Duff: A Dataset-Distance-Based Utility Function Family for the Exponential Mechanism
This work addresses the challenge of enhancing accuracy in differential privacy mechanisms for statisticians and data analysts, representing an incremental advance by providing a novel utility function that improves upon prior approaches.
The authors tackled the problem of improving fidelity in differentially private statistics by proposing Duff, a dataset-distance-based utility function family for the exponential mechanism, which offers provably higher fidelity compared to existing methods based on smooth sensitivity, as demonstrated in empirical evaluations for median computation.
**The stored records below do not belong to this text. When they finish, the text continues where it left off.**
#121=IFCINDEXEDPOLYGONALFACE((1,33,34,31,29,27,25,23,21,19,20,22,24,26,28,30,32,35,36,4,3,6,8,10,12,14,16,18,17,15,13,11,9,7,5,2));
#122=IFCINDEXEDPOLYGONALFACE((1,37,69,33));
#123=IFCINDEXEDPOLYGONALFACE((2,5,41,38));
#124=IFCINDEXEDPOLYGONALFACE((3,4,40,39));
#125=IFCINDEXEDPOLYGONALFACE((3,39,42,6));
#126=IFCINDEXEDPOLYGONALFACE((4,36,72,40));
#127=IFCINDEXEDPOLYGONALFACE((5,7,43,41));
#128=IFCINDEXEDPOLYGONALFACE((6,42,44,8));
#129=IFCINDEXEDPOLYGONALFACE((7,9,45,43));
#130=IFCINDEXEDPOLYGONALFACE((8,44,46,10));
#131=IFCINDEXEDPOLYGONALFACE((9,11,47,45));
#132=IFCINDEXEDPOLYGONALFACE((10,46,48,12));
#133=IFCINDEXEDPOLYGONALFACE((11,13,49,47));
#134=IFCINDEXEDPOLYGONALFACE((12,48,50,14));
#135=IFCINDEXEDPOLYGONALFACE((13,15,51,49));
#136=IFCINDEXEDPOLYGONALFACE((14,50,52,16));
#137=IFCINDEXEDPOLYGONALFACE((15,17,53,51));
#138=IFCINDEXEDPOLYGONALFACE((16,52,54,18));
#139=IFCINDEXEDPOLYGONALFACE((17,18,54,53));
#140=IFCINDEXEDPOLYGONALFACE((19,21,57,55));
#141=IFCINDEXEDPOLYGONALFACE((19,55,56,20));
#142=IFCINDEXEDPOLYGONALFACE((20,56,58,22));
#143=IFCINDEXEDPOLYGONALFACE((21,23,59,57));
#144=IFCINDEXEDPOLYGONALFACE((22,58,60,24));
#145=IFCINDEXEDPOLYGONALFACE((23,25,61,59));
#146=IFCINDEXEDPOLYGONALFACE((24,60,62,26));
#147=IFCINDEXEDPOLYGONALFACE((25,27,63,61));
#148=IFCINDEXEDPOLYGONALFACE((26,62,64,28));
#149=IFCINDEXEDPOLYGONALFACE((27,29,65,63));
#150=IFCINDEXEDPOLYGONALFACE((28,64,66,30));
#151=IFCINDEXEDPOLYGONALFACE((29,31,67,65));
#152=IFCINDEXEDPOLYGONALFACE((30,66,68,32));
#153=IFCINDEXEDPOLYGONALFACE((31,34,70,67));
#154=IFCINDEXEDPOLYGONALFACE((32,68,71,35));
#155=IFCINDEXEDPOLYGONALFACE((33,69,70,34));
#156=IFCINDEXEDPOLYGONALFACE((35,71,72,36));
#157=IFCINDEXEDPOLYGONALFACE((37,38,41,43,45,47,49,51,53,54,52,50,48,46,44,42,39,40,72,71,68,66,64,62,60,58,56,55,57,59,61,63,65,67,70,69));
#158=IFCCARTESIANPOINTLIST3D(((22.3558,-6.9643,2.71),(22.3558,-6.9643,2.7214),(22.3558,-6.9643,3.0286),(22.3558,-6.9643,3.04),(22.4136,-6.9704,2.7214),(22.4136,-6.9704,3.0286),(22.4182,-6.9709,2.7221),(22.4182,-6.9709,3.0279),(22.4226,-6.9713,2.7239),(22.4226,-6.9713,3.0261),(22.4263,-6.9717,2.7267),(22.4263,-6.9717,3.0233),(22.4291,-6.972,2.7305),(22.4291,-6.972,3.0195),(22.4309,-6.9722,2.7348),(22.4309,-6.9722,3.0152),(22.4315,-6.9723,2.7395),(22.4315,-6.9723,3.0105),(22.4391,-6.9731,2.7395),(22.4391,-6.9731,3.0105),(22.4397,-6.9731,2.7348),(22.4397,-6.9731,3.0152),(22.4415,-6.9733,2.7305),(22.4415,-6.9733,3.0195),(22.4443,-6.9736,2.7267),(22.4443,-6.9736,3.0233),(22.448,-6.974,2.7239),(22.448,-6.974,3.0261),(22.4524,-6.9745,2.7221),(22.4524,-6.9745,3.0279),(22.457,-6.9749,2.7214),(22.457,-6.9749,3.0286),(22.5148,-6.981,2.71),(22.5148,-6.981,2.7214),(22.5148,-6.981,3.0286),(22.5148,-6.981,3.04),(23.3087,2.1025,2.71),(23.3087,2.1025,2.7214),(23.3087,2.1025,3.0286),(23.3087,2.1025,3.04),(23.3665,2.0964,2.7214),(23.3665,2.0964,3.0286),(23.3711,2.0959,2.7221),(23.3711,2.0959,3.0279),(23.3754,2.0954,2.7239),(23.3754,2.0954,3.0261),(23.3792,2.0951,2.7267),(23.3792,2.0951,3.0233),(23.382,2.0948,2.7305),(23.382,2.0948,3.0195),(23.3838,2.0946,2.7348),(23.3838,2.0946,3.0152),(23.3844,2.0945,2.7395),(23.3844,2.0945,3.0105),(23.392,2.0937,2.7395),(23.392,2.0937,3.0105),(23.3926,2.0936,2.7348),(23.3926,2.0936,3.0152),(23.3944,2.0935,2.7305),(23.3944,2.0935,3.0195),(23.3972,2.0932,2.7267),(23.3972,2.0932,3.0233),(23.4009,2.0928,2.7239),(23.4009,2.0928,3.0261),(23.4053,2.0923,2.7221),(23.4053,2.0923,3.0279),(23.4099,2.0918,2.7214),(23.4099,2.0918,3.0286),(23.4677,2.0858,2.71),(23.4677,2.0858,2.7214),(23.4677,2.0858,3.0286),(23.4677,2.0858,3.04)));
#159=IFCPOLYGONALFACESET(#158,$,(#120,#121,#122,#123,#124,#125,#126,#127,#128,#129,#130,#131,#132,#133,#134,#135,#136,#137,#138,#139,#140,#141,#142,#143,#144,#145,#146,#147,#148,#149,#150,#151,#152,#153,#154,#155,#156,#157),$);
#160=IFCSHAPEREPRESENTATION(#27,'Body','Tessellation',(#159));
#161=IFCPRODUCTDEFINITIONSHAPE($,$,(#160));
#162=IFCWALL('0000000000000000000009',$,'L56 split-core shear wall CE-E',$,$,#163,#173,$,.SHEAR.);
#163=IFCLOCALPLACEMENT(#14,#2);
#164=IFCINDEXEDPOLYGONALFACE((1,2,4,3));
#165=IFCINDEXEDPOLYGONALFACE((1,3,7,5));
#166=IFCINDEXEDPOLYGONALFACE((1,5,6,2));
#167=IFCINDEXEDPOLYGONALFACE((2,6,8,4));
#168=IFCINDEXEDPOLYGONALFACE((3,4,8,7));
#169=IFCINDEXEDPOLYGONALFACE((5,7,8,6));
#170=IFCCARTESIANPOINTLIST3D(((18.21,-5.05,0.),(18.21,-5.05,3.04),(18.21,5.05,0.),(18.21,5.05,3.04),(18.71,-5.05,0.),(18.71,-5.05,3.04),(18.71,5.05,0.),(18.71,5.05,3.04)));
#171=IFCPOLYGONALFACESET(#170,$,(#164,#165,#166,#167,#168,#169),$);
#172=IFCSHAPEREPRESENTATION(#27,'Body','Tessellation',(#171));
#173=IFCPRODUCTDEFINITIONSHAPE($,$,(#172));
We propose and analyze a general-purpose dataset-distance-based utility function family, Duff, for differential privacy's exponential mechanism. Given a particular dataset and a statistic (e.g., median, mode), this function family assigns utility to a possible output o based on the number of individuals whose data would have to be added to or removed from the dataset in order for the statistic to take on value o. We show that the exponential mechanism based on Duff often offers provably higher fidelity to the statistic's true value compared to existing differential privacy mechanisms based on smooth sensitivity. In particular, Duff is an affirmative answer to the open question of whether it is possible to have a noise distribution whose variance is proportional to smooth sensitivity and whose tails decay at a faster-than-polynomial rate. We conclude our paper with an empirical evaluation of the practical advantages of Duff for the task of computing medians.